Definitions of NHO Terminology

Biodiversity - The number and variety of organisms found within a specified geographic region.

Carbon credit - One ton of carbon that is stored in the soil and is equivalent to removing 3.67 tons of carbon dioxide from the atmosphere.

Conservation - The protection, preservation, management, or restoration of wildlife and of natural resources such as grasslands, soil, and water.

Climax - The last stage of natural community succession toward a dynamic equilibrium with environmental conditions in terrestrial ecosystems. The climax stage usually is more structurally diverse, more productive, and more efficient in cycling nutrients than earlier stages of community succession.

Conservation easement - A set of restrictions a landowner voluntarily places on his or her property in order to preserve its conservation values.

Desert rangeland - A type of grazing land consisting of a variety of native plant species that are well adapted to dry growing conditions. Some desert plants are highly palatable to livestock and wildlife. Others are not. Examples of plants indigenous to desert rangelands include black grama, tobosa, sand dropseed, perennial threeawn, redberry juniper, honey mesquite, broom snakeweed, and fluffgrass.

Fragmentation - The loss of wholeness in an ecosystem, habitat, law, and management that threatens ecosystem integrity and dependent functions and services, most especially biodiversity.

Ecosystem - A system formed by the interaction of a community of organisms with their physical environment.

Environment - The totality of external physical conditions that effect and influence the growth, development, and survival of plants and animals.

Forage - Refers to plants fed on by herbivores; most often refers to the foods of grazing and browsing animals.

Grassland - An area, such as a prairie or meadow, of grass or grass-like vegetation.

Habitat - The place or environment where a plant or animal naturally or normally lives and grows

Mid-grass rangeland - A type of grazing land that is producing or has the potential to produce moderately productive, native-grass vegetation. Grass species such as little bluestem, silver bluestem, and sideoats grama are considered mid-grasses.

Overgrazing - Reducing forage supply by grazing and browsing animals to the point where key forage species production is threatened or is at too low a level to sustain beneficial use. Overgrazing is a function of numbers and time.

Overstocking - Running, raising, carrying or maintaining more animal units of grazing animals than existing forage resources can support without degrading range conditions and reducing carrying capacity. Overstocking is a function of numbers.

Pastoral - Relating to or functioning as an agricultural enterprise or community devoted to or based on grazing livestock.

Photosynthesis - A process of organic synthesis in which solar radiation provides energy for combining the carbon from carbon dioxide and the hydrogen and oxygen of water to produce glucose and other simple compounds with oxygen released back to the environment.

Prairie - An extensive area of flat or rolling, predominantly treeless grassland.

Ranch - An agricultural workplace consisting of a large tract of land along with facilities needed to raise livestock, usually cattle.

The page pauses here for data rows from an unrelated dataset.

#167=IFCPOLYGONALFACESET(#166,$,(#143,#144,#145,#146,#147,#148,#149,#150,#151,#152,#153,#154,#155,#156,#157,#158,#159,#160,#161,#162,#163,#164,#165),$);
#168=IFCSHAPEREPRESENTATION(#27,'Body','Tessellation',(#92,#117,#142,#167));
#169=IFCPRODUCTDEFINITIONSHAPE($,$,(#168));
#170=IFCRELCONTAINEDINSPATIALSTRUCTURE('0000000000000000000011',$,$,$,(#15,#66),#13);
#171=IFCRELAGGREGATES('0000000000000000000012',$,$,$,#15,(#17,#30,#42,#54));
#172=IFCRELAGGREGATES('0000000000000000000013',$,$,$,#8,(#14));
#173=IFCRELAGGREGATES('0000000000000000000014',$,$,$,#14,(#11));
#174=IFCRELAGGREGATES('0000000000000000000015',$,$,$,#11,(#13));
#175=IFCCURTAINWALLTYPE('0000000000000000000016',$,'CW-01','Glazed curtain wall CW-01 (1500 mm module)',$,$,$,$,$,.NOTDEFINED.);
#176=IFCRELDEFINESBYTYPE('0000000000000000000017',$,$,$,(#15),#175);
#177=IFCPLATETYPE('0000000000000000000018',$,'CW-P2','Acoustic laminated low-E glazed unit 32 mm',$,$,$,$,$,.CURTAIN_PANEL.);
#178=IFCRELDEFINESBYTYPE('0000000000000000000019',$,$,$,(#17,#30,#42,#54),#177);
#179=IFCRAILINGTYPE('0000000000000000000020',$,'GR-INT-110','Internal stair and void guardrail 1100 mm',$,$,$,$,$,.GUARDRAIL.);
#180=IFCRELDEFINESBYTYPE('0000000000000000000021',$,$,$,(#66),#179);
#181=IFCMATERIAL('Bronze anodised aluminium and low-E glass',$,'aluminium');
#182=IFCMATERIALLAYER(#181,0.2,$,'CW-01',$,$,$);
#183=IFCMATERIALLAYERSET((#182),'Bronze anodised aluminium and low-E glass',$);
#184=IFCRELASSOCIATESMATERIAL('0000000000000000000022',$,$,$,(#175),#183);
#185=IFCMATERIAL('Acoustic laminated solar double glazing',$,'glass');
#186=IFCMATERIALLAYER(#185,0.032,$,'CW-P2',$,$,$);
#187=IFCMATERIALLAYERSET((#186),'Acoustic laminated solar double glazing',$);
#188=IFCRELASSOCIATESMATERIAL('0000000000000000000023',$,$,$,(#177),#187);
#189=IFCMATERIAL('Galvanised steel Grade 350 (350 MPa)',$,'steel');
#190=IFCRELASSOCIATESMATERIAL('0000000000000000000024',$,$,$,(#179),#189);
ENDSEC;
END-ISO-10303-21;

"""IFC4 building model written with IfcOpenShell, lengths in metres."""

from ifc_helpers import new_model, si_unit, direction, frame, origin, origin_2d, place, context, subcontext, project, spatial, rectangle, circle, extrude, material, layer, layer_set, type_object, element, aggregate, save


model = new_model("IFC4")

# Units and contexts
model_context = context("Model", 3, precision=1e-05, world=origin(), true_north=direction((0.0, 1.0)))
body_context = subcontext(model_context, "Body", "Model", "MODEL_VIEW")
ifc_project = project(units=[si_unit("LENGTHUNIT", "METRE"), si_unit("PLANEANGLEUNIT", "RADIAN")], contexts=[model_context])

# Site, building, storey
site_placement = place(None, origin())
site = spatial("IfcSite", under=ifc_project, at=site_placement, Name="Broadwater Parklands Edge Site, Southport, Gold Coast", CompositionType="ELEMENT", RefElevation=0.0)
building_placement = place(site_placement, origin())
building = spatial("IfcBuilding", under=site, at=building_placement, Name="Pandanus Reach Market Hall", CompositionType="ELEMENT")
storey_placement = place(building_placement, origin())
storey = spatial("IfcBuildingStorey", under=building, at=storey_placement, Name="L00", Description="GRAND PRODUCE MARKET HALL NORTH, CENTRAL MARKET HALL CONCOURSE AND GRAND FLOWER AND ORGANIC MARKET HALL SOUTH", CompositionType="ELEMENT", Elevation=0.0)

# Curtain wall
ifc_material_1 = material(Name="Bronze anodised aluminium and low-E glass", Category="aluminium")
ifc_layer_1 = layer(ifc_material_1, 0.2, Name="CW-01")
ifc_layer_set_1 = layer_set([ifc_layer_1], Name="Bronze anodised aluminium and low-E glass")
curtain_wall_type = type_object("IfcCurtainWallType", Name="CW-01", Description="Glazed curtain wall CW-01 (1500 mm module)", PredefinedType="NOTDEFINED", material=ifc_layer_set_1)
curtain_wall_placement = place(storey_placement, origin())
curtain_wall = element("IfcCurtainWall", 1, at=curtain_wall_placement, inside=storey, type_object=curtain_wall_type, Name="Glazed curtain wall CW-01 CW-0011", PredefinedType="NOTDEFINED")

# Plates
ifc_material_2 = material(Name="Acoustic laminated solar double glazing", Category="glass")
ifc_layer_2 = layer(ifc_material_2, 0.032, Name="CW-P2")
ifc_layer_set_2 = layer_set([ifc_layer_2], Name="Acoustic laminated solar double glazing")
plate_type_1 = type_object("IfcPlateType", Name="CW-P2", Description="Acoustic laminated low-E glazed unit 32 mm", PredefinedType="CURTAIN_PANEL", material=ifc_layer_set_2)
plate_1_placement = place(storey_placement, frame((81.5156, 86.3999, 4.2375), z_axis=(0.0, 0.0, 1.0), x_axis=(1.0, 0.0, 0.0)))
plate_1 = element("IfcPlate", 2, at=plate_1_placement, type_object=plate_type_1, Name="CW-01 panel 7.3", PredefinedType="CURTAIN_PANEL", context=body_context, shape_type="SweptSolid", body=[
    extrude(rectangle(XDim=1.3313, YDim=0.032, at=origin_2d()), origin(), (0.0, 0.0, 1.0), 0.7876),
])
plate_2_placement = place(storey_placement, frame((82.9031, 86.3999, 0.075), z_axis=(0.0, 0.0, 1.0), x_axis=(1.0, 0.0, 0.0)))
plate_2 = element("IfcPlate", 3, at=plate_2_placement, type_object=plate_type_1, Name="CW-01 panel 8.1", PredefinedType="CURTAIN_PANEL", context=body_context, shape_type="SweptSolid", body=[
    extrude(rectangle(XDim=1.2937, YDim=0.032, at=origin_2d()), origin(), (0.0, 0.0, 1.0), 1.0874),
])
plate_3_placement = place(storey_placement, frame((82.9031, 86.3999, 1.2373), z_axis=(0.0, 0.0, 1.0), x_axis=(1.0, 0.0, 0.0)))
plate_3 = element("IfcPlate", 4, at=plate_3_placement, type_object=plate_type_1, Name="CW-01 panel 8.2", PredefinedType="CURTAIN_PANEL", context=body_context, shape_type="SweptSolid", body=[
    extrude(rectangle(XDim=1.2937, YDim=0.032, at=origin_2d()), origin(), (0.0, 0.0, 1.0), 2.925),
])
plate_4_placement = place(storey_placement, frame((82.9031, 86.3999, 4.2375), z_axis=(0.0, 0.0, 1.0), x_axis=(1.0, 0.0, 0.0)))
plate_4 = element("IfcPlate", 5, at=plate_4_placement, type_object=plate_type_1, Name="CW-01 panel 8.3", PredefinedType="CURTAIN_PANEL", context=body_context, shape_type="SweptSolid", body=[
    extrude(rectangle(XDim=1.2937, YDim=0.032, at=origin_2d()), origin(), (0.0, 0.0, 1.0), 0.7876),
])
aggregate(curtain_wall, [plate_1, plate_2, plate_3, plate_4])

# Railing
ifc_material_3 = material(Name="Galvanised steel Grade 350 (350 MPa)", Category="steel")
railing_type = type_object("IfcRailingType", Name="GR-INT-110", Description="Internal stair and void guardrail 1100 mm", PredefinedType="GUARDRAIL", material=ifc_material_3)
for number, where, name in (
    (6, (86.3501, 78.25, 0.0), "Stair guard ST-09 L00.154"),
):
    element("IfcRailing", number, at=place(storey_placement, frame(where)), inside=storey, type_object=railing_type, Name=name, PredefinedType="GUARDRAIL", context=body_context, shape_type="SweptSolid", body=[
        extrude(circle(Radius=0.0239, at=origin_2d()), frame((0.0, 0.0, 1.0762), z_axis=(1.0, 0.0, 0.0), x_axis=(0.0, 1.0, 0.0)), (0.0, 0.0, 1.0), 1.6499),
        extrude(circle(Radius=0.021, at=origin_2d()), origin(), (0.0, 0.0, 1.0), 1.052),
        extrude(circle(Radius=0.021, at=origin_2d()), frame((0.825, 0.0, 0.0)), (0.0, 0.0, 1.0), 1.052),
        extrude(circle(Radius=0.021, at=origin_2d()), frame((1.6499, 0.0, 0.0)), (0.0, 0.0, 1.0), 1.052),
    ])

Ranching - (a) The act of raising livestock; (b) to manage or work on a ranch

Range - Any land area that may be roamed over. More specifically, any land area producing forage for grazing and browsing animals.

Range management - The manipulation of grazing by large herbivores so both plant and animal production can be maintained or increased.

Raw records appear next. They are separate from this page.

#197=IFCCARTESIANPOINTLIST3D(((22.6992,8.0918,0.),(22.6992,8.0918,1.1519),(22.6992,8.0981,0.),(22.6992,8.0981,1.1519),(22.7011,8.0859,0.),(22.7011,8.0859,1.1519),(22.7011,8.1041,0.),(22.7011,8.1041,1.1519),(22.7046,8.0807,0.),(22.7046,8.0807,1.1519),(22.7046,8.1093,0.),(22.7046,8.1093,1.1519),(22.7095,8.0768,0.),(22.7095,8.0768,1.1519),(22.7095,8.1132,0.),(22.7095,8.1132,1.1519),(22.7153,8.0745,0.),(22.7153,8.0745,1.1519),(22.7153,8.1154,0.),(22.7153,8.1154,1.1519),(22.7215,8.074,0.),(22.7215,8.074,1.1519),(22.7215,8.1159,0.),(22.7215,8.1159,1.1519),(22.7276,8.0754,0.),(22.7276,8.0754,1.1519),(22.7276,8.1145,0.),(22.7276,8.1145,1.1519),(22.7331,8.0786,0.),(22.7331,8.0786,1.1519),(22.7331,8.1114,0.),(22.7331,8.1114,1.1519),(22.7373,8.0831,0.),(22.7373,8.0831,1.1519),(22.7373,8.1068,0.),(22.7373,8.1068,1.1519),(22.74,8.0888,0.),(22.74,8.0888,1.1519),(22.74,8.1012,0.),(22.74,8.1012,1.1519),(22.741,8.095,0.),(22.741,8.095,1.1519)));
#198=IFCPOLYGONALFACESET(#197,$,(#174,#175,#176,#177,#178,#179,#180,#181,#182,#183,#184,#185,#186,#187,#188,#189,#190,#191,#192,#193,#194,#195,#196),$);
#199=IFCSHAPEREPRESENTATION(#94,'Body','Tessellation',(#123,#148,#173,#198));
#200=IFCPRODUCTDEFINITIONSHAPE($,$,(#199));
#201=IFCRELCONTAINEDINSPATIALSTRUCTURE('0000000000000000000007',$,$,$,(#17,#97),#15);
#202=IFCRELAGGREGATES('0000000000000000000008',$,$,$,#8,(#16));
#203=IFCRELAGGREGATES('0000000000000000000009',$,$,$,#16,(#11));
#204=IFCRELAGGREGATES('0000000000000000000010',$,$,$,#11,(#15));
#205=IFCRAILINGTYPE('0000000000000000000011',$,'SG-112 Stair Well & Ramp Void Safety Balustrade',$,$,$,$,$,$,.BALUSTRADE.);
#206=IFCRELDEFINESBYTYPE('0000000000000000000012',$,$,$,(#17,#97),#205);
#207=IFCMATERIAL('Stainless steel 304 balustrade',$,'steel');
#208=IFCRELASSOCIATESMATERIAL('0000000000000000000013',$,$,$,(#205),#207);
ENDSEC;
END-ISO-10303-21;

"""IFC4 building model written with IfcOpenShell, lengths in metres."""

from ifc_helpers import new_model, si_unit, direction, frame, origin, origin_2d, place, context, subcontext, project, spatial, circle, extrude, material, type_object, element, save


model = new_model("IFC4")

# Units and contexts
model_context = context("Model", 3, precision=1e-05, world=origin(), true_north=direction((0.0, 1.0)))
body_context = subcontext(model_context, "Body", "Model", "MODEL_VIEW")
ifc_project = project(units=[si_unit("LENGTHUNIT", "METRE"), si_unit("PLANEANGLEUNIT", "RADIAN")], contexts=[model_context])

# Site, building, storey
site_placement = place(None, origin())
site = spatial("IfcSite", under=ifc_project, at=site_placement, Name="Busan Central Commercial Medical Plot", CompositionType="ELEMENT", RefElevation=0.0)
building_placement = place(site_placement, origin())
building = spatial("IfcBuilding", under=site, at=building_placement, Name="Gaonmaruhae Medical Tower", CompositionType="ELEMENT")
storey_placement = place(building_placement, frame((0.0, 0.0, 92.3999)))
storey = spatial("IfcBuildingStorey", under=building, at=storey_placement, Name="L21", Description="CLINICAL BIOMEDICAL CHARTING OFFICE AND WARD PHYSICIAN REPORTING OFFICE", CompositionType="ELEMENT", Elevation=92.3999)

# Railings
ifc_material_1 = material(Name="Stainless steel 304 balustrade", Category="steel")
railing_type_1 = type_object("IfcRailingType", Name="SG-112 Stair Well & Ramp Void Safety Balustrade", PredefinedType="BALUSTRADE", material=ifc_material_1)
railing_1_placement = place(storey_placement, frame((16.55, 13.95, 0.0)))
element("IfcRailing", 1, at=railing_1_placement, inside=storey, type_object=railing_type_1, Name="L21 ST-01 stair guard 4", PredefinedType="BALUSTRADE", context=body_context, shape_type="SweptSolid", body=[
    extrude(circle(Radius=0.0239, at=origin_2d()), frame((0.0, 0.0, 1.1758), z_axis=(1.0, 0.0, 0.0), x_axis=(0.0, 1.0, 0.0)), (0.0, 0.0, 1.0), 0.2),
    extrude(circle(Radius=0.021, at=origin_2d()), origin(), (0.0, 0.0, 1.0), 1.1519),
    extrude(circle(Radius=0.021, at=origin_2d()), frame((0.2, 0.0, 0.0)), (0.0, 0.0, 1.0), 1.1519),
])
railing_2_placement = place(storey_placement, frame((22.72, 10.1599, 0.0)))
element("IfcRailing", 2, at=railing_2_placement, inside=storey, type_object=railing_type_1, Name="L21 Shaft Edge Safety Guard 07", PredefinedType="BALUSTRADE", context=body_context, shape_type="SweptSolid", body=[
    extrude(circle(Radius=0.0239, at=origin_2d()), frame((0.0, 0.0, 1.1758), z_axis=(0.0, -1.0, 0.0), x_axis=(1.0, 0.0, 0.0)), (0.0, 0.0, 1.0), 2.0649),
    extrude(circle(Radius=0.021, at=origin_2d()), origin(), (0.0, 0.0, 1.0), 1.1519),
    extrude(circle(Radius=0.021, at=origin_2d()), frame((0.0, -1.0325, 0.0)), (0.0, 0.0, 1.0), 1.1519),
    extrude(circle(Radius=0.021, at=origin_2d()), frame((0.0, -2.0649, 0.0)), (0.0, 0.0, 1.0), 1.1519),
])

Rangeland - (a) Any expanse of land that provides suitable grazing for livestock and wildlife and is not cultivated, fertilized, or irrigated; (b) uncultivated land capable of providing habitat for domestic livestock and wildlife. Rangeland is sometimes referred to as range, ranchland, prairie, or grassland.

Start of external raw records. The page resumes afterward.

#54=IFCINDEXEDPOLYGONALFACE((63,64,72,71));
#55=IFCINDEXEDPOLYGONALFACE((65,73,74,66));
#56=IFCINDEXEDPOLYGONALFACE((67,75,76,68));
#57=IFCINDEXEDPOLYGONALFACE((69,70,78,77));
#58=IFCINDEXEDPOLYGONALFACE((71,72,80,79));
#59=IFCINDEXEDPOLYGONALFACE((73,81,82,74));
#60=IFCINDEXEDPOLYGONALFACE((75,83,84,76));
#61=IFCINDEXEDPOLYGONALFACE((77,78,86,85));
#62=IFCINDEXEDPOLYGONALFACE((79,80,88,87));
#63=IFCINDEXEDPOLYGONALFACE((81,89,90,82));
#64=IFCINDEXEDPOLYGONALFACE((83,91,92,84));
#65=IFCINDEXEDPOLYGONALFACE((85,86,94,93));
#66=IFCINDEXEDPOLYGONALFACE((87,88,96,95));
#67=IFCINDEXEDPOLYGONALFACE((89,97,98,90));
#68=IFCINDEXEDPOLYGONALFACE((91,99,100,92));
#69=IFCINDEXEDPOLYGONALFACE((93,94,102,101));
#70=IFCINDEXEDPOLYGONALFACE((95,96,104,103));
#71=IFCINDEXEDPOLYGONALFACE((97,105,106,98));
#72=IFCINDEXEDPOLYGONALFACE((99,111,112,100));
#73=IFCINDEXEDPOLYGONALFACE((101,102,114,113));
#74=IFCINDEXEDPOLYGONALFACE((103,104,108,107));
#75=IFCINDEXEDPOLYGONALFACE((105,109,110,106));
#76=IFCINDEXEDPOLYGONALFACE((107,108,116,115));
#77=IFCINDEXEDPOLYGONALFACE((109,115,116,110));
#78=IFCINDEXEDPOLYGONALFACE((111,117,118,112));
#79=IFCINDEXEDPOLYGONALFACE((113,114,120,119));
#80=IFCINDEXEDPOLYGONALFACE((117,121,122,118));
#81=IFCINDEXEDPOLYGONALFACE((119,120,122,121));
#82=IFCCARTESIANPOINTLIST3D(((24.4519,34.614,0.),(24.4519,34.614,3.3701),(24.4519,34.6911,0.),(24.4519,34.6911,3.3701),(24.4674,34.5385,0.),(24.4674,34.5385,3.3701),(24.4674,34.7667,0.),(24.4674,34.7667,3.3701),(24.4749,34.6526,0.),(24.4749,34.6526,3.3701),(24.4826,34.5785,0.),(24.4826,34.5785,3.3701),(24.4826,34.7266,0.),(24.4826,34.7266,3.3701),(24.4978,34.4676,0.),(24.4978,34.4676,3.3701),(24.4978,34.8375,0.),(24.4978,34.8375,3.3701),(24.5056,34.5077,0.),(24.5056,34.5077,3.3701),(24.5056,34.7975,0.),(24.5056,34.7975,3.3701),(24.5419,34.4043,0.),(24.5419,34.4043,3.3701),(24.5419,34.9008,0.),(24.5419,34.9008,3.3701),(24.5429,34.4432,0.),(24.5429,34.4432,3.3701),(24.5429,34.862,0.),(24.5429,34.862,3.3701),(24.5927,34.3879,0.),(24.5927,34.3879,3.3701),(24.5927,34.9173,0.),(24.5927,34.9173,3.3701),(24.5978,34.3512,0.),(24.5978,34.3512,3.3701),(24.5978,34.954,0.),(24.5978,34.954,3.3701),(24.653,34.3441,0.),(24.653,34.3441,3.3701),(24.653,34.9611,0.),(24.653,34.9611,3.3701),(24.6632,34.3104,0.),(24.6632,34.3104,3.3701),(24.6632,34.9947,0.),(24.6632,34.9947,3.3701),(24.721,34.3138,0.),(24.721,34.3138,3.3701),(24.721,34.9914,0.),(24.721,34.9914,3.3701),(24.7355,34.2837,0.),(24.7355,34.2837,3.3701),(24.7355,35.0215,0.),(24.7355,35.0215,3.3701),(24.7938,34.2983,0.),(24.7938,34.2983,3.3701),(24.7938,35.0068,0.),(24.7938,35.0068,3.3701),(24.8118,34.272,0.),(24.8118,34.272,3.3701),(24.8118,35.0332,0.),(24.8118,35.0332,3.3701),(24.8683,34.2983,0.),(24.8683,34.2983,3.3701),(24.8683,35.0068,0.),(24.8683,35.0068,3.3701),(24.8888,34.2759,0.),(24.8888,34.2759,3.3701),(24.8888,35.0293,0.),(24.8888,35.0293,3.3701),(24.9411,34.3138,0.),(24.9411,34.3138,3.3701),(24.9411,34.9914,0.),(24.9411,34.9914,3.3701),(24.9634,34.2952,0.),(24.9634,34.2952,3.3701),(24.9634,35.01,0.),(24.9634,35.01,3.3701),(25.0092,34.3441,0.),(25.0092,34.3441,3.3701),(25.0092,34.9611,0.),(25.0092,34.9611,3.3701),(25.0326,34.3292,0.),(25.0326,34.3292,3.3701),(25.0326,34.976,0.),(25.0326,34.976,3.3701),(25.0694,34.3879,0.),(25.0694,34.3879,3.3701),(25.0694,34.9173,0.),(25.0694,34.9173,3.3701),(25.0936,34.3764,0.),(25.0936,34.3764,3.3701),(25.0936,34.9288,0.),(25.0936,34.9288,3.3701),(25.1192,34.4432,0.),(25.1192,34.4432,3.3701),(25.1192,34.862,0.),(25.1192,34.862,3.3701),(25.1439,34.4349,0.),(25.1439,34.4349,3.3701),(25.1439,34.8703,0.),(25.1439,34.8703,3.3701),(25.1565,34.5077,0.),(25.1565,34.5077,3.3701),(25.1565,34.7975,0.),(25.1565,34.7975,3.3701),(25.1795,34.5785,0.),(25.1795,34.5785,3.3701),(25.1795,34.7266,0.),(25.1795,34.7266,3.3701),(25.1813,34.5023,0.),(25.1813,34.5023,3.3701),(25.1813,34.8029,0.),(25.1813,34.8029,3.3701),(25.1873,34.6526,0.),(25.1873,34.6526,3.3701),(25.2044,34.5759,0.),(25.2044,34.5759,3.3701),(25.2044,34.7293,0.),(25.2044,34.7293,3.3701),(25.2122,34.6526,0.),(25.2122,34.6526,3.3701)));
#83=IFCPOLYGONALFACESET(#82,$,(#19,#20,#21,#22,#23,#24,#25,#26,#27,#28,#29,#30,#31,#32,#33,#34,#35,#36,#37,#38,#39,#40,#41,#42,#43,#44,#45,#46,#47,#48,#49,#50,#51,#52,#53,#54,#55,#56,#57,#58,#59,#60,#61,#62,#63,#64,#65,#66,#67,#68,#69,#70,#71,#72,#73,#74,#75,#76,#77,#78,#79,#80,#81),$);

Rangeland agriculture - A form of agriculture based on grazing livestock on indigenous rangelands.

Renewable resource - A resource that can regenerate itself through biological reproduction or through biogeophysical cycles, such as forest, grassland, wildlife, soil, and water. Other examples of renewable resources include solar, thermal, and wind energy.

Restoration - An act of bringing back to a former condition.

Short-grass rangeland - A type of grazing land that can only produce short-grass vegetation due to climate and/or soil limitations. Grass species such as blue grama, buffalograss, curly mesquite, and western wheat grass are considered short-grasses.

Sustainable - Capable of being maintained at length without interruption, weakening, or loss in acceptability or quality. May also relate to a method or system of using a resource so that the resource is not depleted or permanently damaged.

Stewardship - The careful and responsible management of human, physical, biological, and financial resources.

Tall-grass rangeland - A type of grazing that is producing or has the potential to produce highly productive, native-grass vegetation. Grass species such as big bluestem, yellow indiangrass, eastern gamagrass, and switchgrass are considered tall grasses.

Wildlife - Wild animals and vegetation, especially animals living in a natural, undomesticated state.